The stock market sold off this week, posting its worst week since September 2024.  The drop was triggered by several economic indicators that painted a concerning picture of the economy, consumers, and inflation. Nvidia, a key bellwether, posted strong earnings, but sold off anyway. In addition, markets remain concerned about tariffs coming from the White House, and the potential for a trade war.  Here is a quick summary of the events this week and why we remain optimistic that the economy will continue to grow.


Nvidia


Nvidia, which has been a leader in the stock market rally over the past 2 years, and a key bellwether in the artificial intelligence space, posted a 78% increase in year-over-year revenue this week. The company also raised its expectations for the current quarter, providing a forecast of $43 billion compared to the analyst consensus estimate of $41.8 billion.  You would expect that the market would respond favorably to such impressive results, and indeed the stock did rise on Wednesday, the day of the earnings release. However, Nvidia led the stock market decline on Thursday, falling more than 8%. Some of the sell-off could be related to profit taking, but some analysts point to the potential risks for tariffs and export restrictions on AI chips as a reason for the selloff.


Consumer Confidence


The February consumer confidence survey dropped to the lowest level in 3 years.
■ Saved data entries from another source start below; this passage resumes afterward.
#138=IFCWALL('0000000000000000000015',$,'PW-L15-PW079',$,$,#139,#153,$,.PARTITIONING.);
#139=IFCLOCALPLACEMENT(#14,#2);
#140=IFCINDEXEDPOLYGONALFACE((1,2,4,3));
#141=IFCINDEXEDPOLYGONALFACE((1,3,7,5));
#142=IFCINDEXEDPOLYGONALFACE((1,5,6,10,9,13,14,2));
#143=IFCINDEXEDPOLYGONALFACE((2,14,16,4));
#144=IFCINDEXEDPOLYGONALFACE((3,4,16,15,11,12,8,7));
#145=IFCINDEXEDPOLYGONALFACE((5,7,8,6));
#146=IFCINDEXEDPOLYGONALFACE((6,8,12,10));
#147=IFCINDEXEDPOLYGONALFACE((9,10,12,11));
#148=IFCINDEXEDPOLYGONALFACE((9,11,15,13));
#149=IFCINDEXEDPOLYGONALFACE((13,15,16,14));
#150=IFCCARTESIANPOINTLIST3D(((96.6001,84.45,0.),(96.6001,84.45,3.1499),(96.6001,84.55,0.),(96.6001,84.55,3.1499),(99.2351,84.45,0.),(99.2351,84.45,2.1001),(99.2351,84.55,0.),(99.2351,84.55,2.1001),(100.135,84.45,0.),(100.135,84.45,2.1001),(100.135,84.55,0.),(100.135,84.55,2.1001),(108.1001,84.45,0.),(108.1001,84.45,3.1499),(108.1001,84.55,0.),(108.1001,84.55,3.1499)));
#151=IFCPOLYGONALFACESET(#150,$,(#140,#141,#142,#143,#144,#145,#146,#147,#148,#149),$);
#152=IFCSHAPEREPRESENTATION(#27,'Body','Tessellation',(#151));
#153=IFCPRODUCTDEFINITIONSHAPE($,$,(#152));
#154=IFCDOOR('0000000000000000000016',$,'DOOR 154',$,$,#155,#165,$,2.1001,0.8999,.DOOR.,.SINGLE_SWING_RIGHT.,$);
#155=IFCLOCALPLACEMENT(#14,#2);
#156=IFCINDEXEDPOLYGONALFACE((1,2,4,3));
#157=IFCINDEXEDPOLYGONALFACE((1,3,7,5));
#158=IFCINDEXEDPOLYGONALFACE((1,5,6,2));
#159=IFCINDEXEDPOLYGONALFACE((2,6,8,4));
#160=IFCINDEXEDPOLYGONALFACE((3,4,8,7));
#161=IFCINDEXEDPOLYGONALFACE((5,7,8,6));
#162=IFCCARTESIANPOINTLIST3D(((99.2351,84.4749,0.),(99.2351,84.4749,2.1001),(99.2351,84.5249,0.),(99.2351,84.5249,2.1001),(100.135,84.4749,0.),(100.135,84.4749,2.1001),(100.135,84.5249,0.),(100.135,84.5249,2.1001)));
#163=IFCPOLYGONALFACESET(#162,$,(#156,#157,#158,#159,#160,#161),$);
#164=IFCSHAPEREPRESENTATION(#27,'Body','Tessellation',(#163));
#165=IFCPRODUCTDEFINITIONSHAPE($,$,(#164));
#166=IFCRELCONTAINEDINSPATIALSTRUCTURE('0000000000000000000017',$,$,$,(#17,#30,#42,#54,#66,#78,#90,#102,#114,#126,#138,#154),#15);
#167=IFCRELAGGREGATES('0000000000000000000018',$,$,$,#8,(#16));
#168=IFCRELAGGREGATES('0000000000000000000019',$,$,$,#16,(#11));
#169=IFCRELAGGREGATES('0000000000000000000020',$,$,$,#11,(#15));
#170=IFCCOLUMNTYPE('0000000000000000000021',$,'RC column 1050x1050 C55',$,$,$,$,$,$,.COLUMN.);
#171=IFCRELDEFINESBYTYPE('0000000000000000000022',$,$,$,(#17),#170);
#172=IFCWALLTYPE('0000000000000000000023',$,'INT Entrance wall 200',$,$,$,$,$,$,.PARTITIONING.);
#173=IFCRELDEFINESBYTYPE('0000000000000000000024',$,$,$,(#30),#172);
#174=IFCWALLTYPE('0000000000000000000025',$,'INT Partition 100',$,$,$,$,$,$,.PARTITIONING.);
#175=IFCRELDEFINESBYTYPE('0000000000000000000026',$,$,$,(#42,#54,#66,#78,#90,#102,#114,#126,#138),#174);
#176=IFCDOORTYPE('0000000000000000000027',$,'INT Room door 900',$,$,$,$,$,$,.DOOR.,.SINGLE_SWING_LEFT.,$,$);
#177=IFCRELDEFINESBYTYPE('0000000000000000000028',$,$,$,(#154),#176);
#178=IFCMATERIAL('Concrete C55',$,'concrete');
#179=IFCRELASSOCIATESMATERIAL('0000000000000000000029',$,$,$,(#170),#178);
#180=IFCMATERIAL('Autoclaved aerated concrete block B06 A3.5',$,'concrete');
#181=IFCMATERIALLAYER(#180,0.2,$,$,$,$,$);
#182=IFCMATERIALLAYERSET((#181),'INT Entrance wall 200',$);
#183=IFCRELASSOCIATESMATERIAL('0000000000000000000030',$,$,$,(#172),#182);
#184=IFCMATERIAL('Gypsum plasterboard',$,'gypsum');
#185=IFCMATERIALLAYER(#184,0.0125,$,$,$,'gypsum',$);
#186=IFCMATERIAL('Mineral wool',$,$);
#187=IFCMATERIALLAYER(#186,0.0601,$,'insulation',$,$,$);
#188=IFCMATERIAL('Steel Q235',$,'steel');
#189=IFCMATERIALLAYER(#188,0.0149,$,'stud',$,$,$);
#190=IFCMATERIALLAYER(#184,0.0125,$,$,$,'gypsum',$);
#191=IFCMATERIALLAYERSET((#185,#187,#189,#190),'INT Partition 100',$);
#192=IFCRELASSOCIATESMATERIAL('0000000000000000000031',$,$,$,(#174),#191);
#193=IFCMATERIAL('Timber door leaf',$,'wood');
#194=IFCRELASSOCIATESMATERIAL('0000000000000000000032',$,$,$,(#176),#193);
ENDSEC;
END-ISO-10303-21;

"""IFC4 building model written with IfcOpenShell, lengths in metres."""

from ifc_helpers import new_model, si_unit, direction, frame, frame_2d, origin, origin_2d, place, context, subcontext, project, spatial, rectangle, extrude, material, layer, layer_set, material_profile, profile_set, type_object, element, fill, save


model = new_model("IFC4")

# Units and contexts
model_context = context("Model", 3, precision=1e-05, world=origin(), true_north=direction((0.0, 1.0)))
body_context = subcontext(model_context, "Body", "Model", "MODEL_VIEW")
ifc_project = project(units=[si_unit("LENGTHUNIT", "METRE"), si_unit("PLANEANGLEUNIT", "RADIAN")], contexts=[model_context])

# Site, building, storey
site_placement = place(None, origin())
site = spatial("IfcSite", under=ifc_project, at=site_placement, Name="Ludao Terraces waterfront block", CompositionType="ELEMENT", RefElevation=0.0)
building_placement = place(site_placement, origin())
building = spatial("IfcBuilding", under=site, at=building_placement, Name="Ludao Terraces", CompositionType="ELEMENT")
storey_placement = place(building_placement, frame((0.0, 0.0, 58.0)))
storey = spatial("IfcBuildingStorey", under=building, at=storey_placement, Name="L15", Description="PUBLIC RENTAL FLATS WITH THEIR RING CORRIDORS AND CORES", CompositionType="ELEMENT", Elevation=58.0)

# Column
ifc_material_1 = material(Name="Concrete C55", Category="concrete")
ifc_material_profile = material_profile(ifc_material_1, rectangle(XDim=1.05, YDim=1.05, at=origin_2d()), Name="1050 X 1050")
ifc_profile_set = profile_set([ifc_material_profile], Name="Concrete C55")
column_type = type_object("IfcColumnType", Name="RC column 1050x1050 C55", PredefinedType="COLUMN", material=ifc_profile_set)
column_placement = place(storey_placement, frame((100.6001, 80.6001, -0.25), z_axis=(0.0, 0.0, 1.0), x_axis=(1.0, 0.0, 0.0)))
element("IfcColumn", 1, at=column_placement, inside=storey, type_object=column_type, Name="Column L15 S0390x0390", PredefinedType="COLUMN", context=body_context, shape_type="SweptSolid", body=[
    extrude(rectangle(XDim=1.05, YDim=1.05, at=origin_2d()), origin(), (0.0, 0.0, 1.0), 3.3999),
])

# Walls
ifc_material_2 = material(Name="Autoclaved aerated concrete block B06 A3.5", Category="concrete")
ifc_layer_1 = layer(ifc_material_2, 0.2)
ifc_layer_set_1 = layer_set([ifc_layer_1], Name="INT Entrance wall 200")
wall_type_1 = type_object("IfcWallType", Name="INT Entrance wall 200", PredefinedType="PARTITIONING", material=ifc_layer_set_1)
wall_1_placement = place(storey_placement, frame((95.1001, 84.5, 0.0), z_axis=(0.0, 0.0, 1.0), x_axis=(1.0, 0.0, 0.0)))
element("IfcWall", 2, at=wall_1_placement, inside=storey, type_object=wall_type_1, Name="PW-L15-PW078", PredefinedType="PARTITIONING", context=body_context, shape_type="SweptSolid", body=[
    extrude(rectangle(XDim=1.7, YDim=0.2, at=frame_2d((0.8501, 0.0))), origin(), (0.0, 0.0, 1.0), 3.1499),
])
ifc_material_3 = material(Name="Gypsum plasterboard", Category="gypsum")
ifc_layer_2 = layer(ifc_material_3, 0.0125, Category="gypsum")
Moreover, the consumer “expectations” component of the survey, which asks consumers about their outlook for the future, dropped to the lowest level since 2013. Some analysts consider consumer confidence a predictor of future consumer behavior, though the connection is weak.


Jobs


The jobs survey showed an increase in “jobs not so plentiful”, which rose to 50.3.  While this represents the worst reading in more than 3 years, it is also better than the average response over the past 10 years, reflecting a normalization of the labor market, rather than a troubling sign that the labor market could be in trouble.


Conclusion


So, what do we make of this week’s news?  It has been a tough week in the market. We expect the market to continue to be volatile in the short term, but over the remainder of the year, we continue to see a strong economy and corporate earnings that should drive stock prices higher. While there is a lot of noise, the fundamentals of the economy remain strong.